1. Taxes, Taxes, Taxes. The insults that New York State and Tompkins County continue to heap onto the middle class never seem to end. Burdensome is an understatement; oppressive and punishing seem to be more accurate.

Folks don't understand why New York has the highest property taxes in the nation, and until they get a sensible explanation of where all thier tax monies are going, they aren't going to vote themselves another tax increase. Not even for the schools which their children attend.

2. Three R's. Rightly or wrongly, the impression in the community is that a lot of the capital expansion was going to be focused on the performing arts. To those of us whom were closely involved in the capital project process, it was clear that much of the space was going to help with improving instruction in math, science, and many other subjects, not just the arts. A much larger community education effort(read: marketing) needs to be done by the BOE and by the schools to get this plan off the ground. Bemoaning the fact that few people show up to BOE meetings ignores the obvious need for better marketing and community education strategy.

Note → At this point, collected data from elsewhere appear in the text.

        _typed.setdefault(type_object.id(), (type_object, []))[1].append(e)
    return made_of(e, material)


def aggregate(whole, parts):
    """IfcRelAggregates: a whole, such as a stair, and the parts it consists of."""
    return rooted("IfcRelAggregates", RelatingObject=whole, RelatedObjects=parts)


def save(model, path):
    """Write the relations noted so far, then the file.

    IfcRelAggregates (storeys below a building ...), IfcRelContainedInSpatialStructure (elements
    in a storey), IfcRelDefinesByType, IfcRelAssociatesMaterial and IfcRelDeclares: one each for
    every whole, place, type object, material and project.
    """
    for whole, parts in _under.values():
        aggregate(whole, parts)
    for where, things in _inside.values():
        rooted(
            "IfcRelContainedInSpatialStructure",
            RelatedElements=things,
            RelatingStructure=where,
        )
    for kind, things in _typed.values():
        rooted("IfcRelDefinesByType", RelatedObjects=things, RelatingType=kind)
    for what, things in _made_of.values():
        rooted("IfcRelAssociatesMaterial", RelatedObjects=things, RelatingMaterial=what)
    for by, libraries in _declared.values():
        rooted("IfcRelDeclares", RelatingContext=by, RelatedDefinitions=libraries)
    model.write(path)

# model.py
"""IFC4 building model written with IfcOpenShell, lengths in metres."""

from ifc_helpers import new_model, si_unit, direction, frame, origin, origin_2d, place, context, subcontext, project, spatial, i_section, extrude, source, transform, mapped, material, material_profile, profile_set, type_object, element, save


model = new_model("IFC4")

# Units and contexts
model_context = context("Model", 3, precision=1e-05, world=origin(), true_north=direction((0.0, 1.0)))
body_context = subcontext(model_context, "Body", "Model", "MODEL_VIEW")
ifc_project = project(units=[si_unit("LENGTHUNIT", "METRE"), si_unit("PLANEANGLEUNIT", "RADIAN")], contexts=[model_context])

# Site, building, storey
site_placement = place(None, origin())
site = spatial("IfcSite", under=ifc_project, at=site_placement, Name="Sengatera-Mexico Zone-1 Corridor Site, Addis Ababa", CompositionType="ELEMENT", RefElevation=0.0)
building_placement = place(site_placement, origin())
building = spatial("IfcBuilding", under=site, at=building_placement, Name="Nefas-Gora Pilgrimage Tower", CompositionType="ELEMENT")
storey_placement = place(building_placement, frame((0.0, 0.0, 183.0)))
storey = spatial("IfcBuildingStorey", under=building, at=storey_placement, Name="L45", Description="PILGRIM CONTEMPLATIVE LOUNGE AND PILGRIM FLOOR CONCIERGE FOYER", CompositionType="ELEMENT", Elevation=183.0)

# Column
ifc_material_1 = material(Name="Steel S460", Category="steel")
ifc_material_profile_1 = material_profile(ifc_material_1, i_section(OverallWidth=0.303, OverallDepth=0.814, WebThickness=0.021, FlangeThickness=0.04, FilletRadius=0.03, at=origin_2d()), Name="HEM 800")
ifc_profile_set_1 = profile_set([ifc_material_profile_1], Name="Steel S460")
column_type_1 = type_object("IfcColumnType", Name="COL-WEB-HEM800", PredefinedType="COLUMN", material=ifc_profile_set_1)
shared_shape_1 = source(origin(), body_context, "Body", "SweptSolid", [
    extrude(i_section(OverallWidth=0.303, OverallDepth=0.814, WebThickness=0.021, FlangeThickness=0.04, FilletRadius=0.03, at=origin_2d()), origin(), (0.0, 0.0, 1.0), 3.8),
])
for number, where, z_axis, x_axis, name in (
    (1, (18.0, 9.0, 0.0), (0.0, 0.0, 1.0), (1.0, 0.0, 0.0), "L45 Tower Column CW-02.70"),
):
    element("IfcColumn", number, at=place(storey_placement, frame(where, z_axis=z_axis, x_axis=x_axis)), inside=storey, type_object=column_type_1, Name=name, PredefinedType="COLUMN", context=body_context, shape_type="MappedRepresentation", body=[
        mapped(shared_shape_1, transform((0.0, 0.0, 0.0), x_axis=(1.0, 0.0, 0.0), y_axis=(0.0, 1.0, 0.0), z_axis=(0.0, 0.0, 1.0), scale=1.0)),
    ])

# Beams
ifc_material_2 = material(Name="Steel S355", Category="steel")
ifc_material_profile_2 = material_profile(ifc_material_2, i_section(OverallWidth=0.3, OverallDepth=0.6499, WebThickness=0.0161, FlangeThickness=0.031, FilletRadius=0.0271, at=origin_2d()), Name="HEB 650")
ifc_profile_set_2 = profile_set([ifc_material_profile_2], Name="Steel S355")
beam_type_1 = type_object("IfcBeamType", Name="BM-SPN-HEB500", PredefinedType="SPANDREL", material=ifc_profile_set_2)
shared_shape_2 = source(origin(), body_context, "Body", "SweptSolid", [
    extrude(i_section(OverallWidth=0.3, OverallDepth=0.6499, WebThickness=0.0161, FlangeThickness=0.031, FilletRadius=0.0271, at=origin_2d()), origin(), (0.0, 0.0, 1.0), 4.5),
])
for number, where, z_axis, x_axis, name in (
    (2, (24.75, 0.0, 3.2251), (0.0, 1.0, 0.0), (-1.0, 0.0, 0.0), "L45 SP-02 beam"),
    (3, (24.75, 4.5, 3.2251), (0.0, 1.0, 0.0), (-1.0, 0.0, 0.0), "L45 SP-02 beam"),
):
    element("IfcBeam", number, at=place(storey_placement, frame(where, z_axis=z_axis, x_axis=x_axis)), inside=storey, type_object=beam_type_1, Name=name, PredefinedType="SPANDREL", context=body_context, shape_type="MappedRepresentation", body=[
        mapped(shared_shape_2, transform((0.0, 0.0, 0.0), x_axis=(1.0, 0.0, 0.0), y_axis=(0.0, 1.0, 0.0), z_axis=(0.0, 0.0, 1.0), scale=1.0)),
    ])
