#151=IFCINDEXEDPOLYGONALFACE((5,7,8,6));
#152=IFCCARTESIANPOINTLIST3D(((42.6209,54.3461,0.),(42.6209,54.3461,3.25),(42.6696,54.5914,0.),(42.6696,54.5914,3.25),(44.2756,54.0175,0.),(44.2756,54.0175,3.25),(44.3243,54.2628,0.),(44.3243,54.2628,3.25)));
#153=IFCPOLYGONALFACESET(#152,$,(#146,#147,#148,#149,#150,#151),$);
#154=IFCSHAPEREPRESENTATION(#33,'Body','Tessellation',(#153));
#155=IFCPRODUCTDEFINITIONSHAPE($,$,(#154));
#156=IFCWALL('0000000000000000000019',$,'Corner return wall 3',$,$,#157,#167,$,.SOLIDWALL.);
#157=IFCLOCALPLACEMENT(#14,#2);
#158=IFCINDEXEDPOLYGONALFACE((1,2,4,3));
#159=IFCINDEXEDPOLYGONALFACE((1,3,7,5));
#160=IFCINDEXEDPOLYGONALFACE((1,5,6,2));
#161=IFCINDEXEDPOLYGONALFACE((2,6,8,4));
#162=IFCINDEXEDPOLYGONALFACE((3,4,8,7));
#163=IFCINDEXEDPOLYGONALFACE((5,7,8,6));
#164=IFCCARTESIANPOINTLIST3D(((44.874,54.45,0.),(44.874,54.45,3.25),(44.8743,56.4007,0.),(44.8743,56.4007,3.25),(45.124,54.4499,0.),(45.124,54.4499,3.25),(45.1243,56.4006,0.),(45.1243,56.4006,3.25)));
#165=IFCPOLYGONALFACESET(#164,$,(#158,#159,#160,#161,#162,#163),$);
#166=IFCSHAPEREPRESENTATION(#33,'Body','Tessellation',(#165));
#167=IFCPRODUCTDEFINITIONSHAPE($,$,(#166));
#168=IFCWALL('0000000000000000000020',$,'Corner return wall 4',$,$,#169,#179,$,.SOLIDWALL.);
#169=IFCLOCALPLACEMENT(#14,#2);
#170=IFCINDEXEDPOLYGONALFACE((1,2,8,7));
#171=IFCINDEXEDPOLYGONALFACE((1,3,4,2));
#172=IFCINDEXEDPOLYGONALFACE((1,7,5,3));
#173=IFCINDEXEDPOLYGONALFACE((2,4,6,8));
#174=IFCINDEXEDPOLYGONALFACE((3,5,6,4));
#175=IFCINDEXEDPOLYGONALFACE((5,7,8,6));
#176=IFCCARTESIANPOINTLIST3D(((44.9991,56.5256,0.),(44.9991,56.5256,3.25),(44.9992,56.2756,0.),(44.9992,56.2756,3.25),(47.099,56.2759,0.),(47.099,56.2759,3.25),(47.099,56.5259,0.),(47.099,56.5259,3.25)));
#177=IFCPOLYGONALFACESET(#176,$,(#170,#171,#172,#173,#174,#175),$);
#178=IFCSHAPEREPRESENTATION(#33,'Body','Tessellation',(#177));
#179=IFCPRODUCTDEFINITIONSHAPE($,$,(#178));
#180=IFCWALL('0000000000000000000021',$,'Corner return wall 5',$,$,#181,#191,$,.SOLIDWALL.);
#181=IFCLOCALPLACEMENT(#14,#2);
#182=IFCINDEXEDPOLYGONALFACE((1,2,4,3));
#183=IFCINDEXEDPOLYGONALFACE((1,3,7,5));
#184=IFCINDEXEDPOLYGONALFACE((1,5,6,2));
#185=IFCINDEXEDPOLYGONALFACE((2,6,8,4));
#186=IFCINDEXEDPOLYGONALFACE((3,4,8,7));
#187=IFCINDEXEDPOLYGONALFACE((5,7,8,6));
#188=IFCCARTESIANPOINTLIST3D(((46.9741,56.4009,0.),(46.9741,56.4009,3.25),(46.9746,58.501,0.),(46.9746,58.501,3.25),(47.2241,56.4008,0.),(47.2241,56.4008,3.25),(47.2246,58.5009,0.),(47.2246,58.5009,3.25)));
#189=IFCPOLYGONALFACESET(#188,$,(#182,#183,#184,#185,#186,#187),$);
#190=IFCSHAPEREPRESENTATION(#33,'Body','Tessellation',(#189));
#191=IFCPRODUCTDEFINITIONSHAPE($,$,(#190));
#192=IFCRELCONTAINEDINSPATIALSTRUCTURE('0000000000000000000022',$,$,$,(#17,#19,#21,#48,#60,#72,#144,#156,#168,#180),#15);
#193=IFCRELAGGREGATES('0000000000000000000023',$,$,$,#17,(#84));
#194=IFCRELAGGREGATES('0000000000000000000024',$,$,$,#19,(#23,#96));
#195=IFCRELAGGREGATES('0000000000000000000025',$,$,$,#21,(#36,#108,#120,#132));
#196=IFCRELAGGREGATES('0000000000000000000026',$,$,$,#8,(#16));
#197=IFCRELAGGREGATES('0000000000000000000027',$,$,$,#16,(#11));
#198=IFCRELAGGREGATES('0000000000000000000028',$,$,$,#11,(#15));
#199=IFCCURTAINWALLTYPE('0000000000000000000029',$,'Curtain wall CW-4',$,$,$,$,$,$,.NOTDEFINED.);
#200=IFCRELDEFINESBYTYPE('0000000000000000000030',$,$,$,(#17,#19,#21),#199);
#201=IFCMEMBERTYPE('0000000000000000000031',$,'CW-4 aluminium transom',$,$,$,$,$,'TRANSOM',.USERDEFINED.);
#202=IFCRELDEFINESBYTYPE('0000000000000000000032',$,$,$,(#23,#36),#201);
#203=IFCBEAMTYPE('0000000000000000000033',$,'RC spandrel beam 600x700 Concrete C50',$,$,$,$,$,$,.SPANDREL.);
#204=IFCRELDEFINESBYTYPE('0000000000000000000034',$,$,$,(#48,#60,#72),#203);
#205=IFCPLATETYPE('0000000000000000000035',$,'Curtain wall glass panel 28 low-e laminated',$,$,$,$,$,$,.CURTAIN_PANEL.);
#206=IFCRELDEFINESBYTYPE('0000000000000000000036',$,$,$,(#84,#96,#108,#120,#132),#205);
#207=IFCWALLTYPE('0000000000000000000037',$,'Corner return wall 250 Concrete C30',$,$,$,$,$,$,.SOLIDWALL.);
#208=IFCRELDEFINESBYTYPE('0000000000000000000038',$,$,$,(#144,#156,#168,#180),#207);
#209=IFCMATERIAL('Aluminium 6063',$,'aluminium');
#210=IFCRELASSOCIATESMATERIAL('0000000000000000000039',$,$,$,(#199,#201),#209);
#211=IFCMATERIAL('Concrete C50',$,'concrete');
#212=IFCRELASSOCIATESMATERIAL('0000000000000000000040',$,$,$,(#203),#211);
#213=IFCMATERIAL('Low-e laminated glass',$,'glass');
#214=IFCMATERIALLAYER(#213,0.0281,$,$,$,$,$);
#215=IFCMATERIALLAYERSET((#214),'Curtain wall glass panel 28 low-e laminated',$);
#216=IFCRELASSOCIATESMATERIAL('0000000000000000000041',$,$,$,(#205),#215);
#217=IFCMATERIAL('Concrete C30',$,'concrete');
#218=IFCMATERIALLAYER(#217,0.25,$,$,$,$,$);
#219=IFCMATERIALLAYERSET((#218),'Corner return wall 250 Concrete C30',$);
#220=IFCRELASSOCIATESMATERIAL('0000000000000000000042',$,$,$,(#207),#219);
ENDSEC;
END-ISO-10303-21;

3. Fear The Sewer: An individual that lives in South Lansing told me that his home has increased in assessment over $200,000 since he built it in 2002. He stated that his taxes are more than his mortgage, and that if an $850++/year sewer tax is thrust upon us, he may have to sell his home and move to a less expensive neighborhood before his children graduate from Lansing Schools.

Clearly, voters are worried about being able to pay for a school project, a sewer project, ever increasing taxes and utility bills, and stay in thier homes.

Again, these are the major themes that I heard among my fellow community members when I asked them why they didn't vote for the school capital project.